They’re still shit. I bring my young kids to the park and around 430 the 12-15 year old kids roll in and are an absolute menace, like clockwork. Littering, cursing loudly, riding their bikes in between the play equipment.
I think there’s a certain age where shitheads will always be shitheads. They get this little taste of freedom that comes with adolescence and they go overboard. I think it is just a part of life.
I try to say to my kids, hey, you don’t like how they’re acting now right? Then don’t do it when you’re their age. We will see if that works.
applebusch@lemmy.blahaj.zone 1 day ago
If we were it was only because we were abused and neglected by our boomer parents.
elephantium@lemmy.world 1 day ago
IDK about this. Today’s extreme focus on helicopter parenting seems to view “having room to play” as CPS-worthy neglect. Shouldn’t there be a middle ground?
DeathByBigSad@sh.itjust.works 1 day ago
I think I spent most of my non-school times at home lol.
I was born in 2002
When I was in China, we mostly just stayed locked at home because parents are at work all the time (beside going to school)
When we move to the US, I was put in afterschool programs when I suffered what amounted to psychological torture (I mean I was basically in a foreign country and didn’t even get time to “recharge my social battery”), and I never had the eslf esteem to really make friends with English-only kids for those the first few years of my life here.
So that inertia just stayed… I just got used to not “going outaide” it just been how my life is…
I mean sometimes I did outside… but I’ve almost always been acompanies by parents
Not surprisintly never had much real friends, never made any deeper connections beyong just talking in school…
Immigrant parenra really just either have no time or is terrified of CPS…
So yea I have fear of the outside world basically…
anomnom@sh.itjust.works 1 day ago
A lot depends on where outside was too.
I grew up partly in a city/burb then we moved to the woods.
I actually played outside in the burbs because it had ode walls to ride bikes on and more kids near by. But playing out in the woods was more time outside, except in hunting city and after dark.

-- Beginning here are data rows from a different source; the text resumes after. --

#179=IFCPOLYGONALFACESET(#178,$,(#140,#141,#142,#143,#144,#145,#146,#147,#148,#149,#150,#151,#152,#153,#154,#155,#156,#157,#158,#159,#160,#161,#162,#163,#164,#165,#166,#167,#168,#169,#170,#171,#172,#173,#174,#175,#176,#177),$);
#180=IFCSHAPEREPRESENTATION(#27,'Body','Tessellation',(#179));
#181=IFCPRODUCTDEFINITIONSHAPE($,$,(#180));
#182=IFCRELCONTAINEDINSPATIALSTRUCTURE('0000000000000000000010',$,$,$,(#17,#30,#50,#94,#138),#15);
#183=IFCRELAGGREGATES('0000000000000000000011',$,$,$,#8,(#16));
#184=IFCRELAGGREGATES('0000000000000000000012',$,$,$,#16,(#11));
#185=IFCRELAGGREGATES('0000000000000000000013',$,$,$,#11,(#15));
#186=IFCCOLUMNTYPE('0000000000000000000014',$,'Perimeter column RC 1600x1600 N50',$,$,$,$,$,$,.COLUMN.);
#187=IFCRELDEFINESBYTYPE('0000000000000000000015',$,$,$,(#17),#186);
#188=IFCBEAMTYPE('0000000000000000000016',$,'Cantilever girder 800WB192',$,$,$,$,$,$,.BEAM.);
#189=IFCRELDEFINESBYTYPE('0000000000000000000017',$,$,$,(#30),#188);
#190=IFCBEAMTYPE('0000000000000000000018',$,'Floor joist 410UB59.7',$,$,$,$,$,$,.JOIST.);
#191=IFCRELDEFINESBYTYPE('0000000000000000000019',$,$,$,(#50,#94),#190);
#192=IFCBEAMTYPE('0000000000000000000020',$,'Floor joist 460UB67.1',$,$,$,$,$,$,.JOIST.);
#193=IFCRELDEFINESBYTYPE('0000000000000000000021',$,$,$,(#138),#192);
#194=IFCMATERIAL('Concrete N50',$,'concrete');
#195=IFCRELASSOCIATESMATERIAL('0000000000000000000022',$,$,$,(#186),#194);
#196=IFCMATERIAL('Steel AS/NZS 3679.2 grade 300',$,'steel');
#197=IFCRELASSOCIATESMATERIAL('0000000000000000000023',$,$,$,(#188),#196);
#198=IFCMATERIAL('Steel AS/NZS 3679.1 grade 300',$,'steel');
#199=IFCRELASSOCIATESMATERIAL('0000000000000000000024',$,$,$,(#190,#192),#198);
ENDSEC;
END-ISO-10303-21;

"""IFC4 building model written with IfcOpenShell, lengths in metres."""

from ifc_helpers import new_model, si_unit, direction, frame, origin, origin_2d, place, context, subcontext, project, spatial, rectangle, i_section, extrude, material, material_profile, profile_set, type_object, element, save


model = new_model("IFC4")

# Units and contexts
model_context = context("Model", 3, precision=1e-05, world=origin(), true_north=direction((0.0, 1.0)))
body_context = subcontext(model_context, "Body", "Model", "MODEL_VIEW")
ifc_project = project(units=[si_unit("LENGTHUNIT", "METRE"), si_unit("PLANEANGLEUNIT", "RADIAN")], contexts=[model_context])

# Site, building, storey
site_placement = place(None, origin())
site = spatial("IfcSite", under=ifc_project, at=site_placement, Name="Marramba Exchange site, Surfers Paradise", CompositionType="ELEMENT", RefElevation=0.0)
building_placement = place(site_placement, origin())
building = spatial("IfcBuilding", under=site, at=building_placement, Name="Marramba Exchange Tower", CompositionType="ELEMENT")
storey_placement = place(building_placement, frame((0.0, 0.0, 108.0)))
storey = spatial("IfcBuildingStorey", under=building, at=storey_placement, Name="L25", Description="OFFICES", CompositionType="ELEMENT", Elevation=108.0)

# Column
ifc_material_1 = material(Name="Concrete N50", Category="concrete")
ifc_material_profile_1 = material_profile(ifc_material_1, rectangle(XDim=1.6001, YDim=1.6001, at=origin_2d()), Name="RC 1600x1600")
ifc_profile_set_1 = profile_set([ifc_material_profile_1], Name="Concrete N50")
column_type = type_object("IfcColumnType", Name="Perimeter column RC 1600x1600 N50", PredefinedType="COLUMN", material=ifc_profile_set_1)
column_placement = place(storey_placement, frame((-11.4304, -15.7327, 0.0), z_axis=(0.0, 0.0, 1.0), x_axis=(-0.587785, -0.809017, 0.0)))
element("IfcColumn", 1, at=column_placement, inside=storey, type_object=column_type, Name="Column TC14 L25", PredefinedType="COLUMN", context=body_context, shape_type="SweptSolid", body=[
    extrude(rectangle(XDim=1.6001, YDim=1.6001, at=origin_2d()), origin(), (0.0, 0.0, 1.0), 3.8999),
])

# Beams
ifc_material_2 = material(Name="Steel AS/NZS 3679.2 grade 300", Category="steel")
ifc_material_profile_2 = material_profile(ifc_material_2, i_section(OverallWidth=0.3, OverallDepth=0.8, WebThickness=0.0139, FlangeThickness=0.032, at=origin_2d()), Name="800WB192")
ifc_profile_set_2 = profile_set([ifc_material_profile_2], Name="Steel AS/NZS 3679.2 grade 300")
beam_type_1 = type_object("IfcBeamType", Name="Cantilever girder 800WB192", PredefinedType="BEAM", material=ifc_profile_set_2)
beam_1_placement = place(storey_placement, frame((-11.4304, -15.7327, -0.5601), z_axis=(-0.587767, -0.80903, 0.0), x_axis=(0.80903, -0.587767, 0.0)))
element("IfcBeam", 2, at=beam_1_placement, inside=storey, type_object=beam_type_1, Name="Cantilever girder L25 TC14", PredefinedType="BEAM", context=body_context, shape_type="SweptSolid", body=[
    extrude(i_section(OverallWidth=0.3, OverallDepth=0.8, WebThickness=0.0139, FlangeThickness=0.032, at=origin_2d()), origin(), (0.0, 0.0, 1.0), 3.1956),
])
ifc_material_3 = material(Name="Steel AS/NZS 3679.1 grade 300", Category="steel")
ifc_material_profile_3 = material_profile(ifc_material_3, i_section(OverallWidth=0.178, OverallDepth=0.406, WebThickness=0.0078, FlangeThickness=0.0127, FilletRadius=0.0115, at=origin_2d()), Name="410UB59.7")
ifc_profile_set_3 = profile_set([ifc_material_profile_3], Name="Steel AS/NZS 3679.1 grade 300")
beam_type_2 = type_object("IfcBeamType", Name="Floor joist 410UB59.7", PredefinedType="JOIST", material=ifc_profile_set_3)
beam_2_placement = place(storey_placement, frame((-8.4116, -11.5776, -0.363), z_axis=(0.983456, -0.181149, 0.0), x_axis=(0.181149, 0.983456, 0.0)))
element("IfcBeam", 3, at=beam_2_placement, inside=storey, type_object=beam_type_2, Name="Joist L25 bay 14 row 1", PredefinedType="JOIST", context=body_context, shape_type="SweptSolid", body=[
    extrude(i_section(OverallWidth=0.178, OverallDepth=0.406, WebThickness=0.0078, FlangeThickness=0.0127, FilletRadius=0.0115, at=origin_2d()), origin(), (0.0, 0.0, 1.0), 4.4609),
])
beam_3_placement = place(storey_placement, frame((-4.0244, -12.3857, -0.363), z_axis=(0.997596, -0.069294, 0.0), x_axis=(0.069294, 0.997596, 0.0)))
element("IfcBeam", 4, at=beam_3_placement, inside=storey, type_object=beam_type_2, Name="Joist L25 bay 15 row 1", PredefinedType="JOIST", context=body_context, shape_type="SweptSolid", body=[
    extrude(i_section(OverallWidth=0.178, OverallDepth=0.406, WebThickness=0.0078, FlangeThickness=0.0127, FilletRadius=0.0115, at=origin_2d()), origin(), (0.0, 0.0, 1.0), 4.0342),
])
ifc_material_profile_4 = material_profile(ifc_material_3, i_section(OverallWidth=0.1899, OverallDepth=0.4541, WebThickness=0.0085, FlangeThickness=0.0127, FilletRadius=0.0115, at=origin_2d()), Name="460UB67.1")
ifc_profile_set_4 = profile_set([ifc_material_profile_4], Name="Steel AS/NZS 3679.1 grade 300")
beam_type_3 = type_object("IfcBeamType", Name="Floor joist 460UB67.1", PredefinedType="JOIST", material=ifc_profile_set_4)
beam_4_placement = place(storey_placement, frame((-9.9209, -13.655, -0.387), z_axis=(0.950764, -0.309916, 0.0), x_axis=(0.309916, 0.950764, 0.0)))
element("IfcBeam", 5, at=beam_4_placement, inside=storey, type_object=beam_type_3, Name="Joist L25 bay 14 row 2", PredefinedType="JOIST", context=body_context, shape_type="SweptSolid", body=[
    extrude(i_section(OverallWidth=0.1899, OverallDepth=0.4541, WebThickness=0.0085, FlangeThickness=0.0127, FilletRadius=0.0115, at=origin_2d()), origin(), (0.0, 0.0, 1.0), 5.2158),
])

applebusch@lemmy.blahaj.zone 1 day ago
There are different kinds of neglect besides not being physically colocated. Ignoring your childs needs for example. Some parents may spend nearly all of their time around their children, but never do anything to address their emotional needs, or even actively suppress them. As a child I was often punished or denigrated for having and expressing strong emotions that were inconvenient for my parents, to the point I felt like they didn’t want me to have emotions at all. Some parents neglect their children’s sensory needs, sanitary needs, hunger, thirst, need for sleep, need for solitude, need for play, need for socialization, need for autonomy, need for learning, need for structure, or whatever else. I would argue helicopter parents usually neglect a number of their child’s emotional needs and treat their children more like a doll or pet than a whole person they are responsible for raising into an adult.
elephantium@lemmy.world 1 day ago
This isn’t neglect IMO. Kids should have at least some time separate from their parents (tbf, this means different things at different stages of childhood).
The rest of your post, OTOH, is spot on.
VieuxQueb@lemmy.ca 1 day ago
I recently discovered a YouTuber channel called THE DADBOD VETERAN, and he explains very well the neglect of GenX from their parents. Just left to our own device.